2.2.1. DNA extraction

Total genomic DNA from the fresh meat (beef, buffalo, pork, and chicken) and frozen meat samples were extracted using a Dneasy Blood and Tissue kit (Qiagen, Manchester, UK). Frozen samples were thawed before starting extraction. Genomic DNA extraction was carried out two times using 20–25 mg of homogenized meat, which was placed in a 2 ml microcentrifuge tube. Extractions were achieved following the Dneasy Blood and Tissue kit manufacturer’s protocol. Concentrations and purities of extracted DNAs (ratio of absorbance at 260 nm and 280 nm) were determined using a NanoDrop UV–Vis spectrophotometer (Thermo Fisher Scientific, NanoDrop 2000c, Waltham, MA, USA). DNA was stored at −20 °C before use in PCR amplification.
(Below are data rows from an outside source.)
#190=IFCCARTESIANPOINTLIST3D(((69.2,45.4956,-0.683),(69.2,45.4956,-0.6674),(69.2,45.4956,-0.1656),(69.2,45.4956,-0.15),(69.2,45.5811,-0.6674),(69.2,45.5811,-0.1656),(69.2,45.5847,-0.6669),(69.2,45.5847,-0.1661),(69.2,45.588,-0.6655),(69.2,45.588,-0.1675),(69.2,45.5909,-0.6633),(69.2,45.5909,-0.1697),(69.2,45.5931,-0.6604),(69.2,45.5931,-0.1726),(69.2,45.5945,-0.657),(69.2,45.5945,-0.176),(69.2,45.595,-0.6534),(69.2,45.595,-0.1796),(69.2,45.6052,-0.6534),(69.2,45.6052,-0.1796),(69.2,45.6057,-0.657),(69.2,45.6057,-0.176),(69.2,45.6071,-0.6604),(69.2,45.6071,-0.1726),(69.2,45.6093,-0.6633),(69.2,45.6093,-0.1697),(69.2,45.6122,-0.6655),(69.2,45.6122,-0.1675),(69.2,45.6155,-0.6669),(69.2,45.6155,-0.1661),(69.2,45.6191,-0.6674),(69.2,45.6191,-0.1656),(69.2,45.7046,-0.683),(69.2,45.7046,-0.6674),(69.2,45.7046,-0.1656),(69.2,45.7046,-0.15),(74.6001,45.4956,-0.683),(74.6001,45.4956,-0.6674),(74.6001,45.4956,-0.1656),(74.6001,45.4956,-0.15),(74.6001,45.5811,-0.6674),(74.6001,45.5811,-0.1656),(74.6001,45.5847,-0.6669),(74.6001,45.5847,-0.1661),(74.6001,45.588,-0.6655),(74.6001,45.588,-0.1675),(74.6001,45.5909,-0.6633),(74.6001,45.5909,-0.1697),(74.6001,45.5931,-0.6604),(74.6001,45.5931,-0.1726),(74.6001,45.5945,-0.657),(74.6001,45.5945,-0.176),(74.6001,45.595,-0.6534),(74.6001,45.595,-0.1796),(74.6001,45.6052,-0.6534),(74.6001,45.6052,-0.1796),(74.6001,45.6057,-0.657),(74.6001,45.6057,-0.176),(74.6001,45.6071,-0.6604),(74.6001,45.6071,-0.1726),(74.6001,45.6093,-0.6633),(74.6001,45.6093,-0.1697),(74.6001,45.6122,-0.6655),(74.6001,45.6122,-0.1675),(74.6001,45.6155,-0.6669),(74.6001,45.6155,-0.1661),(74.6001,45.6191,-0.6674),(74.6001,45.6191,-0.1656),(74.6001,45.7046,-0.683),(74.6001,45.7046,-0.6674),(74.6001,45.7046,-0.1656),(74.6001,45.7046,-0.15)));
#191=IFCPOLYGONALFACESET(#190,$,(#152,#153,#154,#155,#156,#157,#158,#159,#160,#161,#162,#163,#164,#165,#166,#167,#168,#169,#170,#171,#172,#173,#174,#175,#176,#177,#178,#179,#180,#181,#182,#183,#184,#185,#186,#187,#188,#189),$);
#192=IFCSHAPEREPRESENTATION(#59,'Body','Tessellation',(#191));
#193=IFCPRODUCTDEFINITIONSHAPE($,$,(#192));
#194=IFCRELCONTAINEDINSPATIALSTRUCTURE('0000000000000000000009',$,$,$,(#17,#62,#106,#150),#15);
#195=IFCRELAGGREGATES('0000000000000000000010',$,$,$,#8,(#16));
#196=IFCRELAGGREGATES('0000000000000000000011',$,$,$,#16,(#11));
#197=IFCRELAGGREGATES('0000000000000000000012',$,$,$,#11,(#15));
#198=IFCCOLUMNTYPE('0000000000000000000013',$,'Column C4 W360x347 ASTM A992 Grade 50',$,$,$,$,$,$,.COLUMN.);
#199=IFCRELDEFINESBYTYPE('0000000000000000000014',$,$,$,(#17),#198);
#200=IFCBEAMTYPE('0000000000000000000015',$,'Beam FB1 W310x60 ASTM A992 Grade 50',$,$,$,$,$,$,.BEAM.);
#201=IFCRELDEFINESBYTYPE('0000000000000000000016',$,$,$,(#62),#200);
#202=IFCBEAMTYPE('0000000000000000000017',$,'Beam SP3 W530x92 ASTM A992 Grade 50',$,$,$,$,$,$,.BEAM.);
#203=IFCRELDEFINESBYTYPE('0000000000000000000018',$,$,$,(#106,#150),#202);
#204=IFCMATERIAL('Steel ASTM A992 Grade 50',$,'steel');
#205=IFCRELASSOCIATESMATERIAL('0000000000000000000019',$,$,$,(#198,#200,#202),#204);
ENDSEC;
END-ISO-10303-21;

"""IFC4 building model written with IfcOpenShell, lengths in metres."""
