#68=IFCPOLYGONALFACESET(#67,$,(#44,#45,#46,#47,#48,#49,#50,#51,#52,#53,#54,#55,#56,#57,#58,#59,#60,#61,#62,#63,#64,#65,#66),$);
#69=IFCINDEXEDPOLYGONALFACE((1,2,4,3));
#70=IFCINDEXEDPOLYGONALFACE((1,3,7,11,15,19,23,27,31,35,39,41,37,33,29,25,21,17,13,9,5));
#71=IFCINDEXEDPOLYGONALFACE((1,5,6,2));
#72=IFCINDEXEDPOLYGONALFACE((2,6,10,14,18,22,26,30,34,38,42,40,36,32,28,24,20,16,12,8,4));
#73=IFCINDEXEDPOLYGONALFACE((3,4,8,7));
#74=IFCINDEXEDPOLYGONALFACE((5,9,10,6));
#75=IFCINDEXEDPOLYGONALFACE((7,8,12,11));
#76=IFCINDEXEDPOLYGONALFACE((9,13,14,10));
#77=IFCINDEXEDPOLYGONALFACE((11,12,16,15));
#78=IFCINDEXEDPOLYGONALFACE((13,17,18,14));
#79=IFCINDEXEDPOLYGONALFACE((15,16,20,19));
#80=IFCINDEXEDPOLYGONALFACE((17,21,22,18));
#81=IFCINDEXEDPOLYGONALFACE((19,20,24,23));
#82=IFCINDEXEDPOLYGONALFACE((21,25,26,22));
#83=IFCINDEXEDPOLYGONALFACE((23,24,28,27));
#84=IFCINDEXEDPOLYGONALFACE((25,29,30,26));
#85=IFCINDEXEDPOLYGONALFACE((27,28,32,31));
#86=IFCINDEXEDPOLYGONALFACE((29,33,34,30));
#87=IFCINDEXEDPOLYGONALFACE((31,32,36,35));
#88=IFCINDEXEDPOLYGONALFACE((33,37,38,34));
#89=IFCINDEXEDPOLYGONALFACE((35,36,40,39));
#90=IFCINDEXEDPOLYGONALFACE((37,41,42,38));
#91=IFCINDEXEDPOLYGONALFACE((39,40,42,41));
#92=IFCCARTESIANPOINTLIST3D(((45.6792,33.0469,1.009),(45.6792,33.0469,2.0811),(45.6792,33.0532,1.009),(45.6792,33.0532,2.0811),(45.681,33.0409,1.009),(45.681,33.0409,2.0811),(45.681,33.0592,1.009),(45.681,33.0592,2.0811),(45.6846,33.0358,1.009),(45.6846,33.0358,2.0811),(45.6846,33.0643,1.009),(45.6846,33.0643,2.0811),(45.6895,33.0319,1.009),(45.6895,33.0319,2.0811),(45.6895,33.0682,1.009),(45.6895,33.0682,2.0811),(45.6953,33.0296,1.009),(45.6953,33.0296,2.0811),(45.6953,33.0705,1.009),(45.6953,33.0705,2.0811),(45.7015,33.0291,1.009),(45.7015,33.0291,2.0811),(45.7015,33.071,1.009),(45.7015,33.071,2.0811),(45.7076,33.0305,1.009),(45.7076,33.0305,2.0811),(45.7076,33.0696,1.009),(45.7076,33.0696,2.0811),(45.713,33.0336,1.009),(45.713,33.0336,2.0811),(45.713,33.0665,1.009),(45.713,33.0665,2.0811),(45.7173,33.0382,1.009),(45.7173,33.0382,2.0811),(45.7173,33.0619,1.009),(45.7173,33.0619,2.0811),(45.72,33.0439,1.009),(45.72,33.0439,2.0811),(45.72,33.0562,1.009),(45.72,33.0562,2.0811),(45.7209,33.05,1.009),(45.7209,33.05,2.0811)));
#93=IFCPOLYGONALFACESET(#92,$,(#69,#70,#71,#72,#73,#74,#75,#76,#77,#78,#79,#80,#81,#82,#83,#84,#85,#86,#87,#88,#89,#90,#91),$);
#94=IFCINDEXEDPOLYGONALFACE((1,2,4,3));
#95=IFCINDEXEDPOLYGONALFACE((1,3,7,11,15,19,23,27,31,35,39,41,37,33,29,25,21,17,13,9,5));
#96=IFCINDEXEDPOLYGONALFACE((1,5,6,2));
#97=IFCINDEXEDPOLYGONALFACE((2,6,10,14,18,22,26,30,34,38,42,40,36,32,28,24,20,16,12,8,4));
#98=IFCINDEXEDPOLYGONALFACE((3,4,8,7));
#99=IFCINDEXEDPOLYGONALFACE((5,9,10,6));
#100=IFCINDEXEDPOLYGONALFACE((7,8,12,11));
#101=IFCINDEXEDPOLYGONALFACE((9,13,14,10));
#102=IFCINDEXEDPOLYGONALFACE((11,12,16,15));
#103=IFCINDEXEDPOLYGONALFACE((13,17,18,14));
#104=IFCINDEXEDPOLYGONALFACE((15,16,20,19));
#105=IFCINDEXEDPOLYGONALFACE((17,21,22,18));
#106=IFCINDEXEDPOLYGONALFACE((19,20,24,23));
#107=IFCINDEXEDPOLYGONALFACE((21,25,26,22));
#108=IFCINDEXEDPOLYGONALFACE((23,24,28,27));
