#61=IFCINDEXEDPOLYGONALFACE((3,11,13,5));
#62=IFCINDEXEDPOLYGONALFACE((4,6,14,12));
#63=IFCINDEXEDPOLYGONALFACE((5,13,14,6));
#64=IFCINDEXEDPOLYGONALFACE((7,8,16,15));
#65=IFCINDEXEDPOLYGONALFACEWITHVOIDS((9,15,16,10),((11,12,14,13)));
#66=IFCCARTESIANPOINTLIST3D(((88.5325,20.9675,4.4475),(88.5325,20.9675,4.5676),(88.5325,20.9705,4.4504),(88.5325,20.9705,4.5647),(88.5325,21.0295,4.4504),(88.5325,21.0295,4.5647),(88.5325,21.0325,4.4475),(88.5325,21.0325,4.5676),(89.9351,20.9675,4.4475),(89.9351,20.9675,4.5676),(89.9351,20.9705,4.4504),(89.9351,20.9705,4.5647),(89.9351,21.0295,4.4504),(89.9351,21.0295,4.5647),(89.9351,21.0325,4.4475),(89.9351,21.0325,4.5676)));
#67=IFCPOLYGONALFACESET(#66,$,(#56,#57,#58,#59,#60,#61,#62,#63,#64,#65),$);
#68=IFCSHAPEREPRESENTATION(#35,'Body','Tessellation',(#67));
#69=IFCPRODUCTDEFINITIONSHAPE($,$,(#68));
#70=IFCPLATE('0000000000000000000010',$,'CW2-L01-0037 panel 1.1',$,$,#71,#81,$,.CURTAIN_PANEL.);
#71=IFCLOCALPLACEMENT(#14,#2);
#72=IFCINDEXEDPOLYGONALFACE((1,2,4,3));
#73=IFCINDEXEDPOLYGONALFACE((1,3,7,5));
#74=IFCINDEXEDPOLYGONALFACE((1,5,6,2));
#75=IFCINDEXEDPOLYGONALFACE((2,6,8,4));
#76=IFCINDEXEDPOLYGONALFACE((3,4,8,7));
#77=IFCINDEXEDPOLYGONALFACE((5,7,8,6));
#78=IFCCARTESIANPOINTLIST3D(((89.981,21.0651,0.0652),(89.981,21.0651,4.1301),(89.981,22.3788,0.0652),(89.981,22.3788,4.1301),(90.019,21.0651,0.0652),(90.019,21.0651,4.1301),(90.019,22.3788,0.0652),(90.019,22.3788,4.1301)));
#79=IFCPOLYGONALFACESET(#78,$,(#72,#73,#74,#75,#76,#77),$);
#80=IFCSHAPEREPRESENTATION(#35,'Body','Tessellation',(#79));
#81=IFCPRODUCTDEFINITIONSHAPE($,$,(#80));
2.2.2. Duplex PCR of species-specific mitochondrial cyt b gene in meat samples

To amplify species-specific Cyt b genes, reference primers for buffalo (127 bp), chicken (227 bp), pork (398 bp), and beef (472 bp) were used. Primer sequences were selected from reference studies (Table 2) and purchased from Integrated DNA Technologies (Singapore). Conditions for the PCR were ascertained by running authentic meat samples (beef, buffalo, chicken, and pork). Two duplex PCR protocols were selected from different multiplex references: cattle-buffalo (Zarringhabaie et al., 2011) and chicken-pork (Yacoub & Sadek, 2016), and were followed to amplify target species-specific sequences in whole DNA extracts from the meat products.

Table 2.

Species-specific reference primer sequences of mitochondrial Cyt b gene used in this study.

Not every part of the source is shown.